I agree, there is something deeper to be said about people who do data science work but do not hold the title of data scientist. I definitely didn’t get into that in this article, but it’s an excellent point for a growing field. I haven’t personally done much research on how a miss-representative title can impact the field. Perhaps this is a topic for a different day.
Math is my favorite
Too bad your scatterplot didn’t provide a trend/definitive conclusion, but very interesting post
Yeah, very disappointing. But my sample size was quite small, maybe with more responses, we would see a different result.
Very interesting! I’d love to see the results with a larger sample size. Data science is one potential career path I’m considering, I took a number of econometrics courses during my undergrad and it really got me interested in the field.
I’m working on some more content specifically related to moving into the field of data science. So, if you check back in a few weeks there might be some more resources here for that. 🙂
Perfect, will do!
Samantha, my experience is that the role of the Data Scientist is so new, only the most integrated matrix organizations would know how to use one. Many functional organizations have hr departments who have not even created the requisition for the role. It is as likely in those organizations, the senior management is as clueless in delegating activities.
The most interesting map was the location of large ($billion rev annually) companies who you targeted as employing DS’s. Indicates there is more potential for the role to be identified in complex matrix organizations. Not the type of organization I think of when I think of Walmart or Target or government and state orgs.

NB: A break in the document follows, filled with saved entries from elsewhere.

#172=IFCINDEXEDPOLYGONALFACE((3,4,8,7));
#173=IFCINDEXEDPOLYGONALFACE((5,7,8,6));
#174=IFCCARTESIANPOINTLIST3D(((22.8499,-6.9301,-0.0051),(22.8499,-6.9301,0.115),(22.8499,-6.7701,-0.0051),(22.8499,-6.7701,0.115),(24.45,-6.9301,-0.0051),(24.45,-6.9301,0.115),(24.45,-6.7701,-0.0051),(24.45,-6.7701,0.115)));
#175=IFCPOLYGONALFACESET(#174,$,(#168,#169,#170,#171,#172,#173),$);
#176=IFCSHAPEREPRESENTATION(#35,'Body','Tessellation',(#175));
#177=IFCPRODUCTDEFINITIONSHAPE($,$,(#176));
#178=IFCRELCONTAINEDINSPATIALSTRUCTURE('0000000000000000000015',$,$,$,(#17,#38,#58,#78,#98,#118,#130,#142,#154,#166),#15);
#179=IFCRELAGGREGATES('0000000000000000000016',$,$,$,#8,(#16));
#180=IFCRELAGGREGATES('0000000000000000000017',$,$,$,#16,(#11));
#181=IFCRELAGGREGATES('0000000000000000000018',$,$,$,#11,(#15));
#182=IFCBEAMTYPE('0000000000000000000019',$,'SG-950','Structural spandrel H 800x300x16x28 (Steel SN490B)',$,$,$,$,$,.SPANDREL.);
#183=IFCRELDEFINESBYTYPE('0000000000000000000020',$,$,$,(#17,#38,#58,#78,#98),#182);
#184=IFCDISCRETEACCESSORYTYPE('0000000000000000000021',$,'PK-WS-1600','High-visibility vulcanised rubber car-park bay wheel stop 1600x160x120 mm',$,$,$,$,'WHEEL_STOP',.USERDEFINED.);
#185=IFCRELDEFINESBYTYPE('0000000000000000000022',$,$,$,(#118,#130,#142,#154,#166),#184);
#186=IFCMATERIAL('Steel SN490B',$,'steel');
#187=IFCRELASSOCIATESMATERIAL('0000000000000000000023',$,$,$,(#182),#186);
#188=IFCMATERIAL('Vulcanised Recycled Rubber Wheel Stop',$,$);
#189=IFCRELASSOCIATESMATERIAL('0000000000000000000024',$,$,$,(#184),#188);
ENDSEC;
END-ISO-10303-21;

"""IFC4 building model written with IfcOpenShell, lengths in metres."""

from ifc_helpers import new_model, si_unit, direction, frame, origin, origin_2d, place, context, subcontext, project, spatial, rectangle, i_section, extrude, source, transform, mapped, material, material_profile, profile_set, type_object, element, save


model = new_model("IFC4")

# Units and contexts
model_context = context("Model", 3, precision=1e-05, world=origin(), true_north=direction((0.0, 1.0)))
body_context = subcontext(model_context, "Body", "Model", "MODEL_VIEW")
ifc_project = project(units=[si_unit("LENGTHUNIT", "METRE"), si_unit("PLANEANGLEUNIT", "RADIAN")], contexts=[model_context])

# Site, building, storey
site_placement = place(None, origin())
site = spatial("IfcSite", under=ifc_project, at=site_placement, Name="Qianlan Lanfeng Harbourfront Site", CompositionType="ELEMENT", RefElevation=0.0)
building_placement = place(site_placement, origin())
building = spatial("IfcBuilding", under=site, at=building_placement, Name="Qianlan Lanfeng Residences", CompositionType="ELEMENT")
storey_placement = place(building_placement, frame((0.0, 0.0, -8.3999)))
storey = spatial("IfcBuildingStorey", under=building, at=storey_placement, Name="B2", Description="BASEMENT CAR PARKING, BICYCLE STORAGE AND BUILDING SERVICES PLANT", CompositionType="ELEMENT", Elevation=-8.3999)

It is my experience that if you can show management the bene’s of highly statistical research and investigations and communicate the information in creative visual ways so non mathematically inclined people get it, then you qualify as a data scientist.
I think these are excellent points! Though, I wonder about the details of what “highly statistical research and investigations” really means. This is only because I think there might be something dividing BI&A and Data Science. Both may do extensive statistical research, but I believe there should be a difference between the two job titles. Though, I’m not sure the industry has really decided what the difference is. I expect that there is a distinction in rigor, specialization or repeatability. I’ve heard others talk about the difference between a general practitioner medical doctor and a specialist. You, as a human, need both to exist, but you will use their services at different times and sometimes the general practitioner will refer you to a specialist. What do you think? Is there a distinction between BI&A work and Data Science?
i loved this post, the review of the industry state and efective data scientist was awesome, thanks.
I do believe all of the ideas you have presented in your post.
They’re very convincing and can definitely work. Still, the posts are too short for newbies.
May you please lengthen them a bit from next time?
Thanks for the post.
Extremely good read. Thank you Samantha.